Genomic DNA was isolated from buccal swabs using
a standard salt lysis method [32]. Samples were stored at
–20 °C. DNA was quantified using a NanoDrop™2000/
2000c UV/VIS Spectrophotometer (Thermo Scientific,
Waltham, MA, USA). The SNPs were genotyped using
the MassARRAY®System IPLEX extension reaction
(Agena Bioscience, San Diego, CA, USA). Genotypes
of the selected SNP variants were determined for all the
study participants (Table 2).
Statistical Analyses. Statistical analysis was performed
using the Statistical Package for Social Sciences
(SPSS) version 25 software (www.ibm.com/spss.statistics).

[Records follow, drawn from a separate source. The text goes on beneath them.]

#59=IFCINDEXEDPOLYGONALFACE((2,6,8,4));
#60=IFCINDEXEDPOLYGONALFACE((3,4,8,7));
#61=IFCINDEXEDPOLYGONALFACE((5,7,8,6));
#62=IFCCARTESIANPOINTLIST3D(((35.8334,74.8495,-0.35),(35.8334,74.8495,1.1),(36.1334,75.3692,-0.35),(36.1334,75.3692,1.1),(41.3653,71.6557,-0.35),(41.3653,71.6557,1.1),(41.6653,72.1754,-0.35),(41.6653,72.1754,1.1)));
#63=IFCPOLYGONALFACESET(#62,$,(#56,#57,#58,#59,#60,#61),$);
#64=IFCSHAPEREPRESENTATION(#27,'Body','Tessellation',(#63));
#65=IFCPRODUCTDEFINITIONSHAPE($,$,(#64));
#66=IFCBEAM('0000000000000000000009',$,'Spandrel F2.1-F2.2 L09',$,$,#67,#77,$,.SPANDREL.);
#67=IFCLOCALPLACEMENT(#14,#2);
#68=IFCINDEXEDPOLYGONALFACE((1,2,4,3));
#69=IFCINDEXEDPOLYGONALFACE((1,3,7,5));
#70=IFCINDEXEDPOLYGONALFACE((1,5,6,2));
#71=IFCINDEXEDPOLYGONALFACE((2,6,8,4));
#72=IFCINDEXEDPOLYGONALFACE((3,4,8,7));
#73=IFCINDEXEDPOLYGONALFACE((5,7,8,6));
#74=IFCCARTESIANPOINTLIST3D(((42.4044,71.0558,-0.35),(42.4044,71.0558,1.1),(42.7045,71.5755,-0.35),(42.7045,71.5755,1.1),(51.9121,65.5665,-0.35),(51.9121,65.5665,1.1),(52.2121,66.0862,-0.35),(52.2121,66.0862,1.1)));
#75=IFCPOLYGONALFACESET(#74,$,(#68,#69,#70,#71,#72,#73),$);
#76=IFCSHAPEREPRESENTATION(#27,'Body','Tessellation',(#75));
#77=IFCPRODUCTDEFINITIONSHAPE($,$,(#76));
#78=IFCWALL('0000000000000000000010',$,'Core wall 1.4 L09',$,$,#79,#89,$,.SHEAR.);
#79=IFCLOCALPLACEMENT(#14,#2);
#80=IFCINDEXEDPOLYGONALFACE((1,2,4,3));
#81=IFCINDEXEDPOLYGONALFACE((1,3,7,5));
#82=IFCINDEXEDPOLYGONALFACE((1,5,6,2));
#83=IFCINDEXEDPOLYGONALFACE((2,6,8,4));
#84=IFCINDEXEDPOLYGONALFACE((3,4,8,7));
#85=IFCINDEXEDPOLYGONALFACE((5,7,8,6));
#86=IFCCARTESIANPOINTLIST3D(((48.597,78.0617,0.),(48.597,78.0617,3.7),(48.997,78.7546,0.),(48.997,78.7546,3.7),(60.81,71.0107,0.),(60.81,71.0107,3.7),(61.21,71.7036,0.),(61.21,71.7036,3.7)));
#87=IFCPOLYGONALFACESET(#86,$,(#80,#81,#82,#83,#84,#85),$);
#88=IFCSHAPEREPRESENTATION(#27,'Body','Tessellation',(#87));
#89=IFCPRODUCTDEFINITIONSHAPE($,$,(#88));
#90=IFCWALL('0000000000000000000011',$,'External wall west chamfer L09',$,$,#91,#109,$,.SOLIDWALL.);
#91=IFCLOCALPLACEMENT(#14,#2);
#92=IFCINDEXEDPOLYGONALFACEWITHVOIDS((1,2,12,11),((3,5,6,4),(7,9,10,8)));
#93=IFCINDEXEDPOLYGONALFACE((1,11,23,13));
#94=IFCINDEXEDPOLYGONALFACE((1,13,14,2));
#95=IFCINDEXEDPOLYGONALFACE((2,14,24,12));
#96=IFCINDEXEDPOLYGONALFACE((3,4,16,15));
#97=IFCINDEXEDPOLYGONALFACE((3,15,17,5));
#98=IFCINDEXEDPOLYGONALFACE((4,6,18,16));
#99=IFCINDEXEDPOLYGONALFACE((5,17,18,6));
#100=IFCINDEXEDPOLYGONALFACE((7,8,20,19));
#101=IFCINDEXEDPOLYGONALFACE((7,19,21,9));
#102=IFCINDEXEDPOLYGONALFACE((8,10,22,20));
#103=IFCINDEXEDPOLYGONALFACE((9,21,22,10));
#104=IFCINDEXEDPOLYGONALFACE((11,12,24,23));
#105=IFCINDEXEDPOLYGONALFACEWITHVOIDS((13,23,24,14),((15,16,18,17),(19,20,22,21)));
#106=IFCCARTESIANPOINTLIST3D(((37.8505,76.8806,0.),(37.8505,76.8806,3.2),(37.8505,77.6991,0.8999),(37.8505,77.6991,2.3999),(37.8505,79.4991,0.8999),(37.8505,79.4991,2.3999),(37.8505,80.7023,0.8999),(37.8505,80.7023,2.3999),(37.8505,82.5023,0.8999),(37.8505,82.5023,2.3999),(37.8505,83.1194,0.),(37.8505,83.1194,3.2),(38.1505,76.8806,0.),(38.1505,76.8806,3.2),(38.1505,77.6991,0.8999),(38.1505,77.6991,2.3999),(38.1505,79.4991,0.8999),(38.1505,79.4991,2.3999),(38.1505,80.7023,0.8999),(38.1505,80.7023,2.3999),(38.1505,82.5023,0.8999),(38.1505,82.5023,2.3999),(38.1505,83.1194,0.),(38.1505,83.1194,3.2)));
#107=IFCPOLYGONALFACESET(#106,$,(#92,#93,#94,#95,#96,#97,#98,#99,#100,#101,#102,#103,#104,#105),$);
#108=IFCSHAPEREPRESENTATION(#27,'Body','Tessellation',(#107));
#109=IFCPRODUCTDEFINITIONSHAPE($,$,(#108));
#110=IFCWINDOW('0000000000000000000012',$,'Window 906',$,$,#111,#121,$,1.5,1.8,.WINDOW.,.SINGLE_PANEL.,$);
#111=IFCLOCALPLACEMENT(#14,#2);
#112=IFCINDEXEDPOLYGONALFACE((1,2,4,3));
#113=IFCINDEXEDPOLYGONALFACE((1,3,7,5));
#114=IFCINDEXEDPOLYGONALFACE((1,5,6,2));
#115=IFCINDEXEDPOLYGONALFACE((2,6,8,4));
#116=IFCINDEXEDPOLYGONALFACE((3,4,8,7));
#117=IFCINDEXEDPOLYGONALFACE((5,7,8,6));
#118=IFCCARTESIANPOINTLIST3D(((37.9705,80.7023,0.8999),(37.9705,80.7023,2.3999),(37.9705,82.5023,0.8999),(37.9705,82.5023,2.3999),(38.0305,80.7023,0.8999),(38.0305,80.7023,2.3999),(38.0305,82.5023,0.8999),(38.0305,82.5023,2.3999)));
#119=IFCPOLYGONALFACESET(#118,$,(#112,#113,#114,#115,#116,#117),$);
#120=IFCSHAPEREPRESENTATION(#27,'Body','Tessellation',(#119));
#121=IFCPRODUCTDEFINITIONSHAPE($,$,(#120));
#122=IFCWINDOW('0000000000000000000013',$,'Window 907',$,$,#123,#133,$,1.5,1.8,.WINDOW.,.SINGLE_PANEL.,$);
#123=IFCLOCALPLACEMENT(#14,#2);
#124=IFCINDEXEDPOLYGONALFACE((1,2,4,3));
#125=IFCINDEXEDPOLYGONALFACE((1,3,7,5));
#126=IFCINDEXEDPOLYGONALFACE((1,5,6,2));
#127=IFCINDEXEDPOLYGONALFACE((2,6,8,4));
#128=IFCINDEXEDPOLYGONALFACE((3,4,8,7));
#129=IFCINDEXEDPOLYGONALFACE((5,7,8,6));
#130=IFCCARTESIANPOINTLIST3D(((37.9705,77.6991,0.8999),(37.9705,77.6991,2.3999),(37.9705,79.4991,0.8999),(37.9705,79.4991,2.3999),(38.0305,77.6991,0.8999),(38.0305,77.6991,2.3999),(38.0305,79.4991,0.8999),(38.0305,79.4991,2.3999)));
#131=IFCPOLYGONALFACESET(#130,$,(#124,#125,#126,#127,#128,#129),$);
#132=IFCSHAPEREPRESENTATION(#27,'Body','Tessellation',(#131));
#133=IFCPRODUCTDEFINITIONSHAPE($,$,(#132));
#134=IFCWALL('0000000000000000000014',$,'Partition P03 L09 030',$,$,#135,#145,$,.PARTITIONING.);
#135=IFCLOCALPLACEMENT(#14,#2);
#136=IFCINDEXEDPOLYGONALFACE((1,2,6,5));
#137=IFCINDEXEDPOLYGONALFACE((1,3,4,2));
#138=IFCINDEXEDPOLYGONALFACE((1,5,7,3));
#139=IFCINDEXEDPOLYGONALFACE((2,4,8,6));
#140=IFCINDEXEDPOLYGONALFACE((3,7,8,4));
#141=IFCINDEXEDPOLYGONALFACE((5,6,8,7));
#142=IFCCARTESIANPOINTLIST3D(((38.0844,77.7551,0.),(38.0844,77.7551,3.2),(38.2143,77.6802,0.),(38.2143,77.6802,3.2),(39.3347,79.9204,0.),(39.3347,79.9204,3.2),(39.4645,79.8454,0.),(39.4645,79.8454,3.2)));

Clinical laboratory data and anthropometric measurements
were expressed as mean ± SD. Hardy-Weinberg equilibrium
(HWE) p values were calculated for all SNPs using
MedCalc version 2.2.0.0. (MedCalc Software, Ostend,
Belgium), where p value(s) of <0.05 were considered to
be significant and implied that the population was not in
HWE. Association between variant(s) and response to
diabetic treatment was measured using odds ratios (ORs),
95% confidence interval (95% CI) and p value(s) derived
from logistic regression. The threshold for significance in
association studies was set at p = 0.05.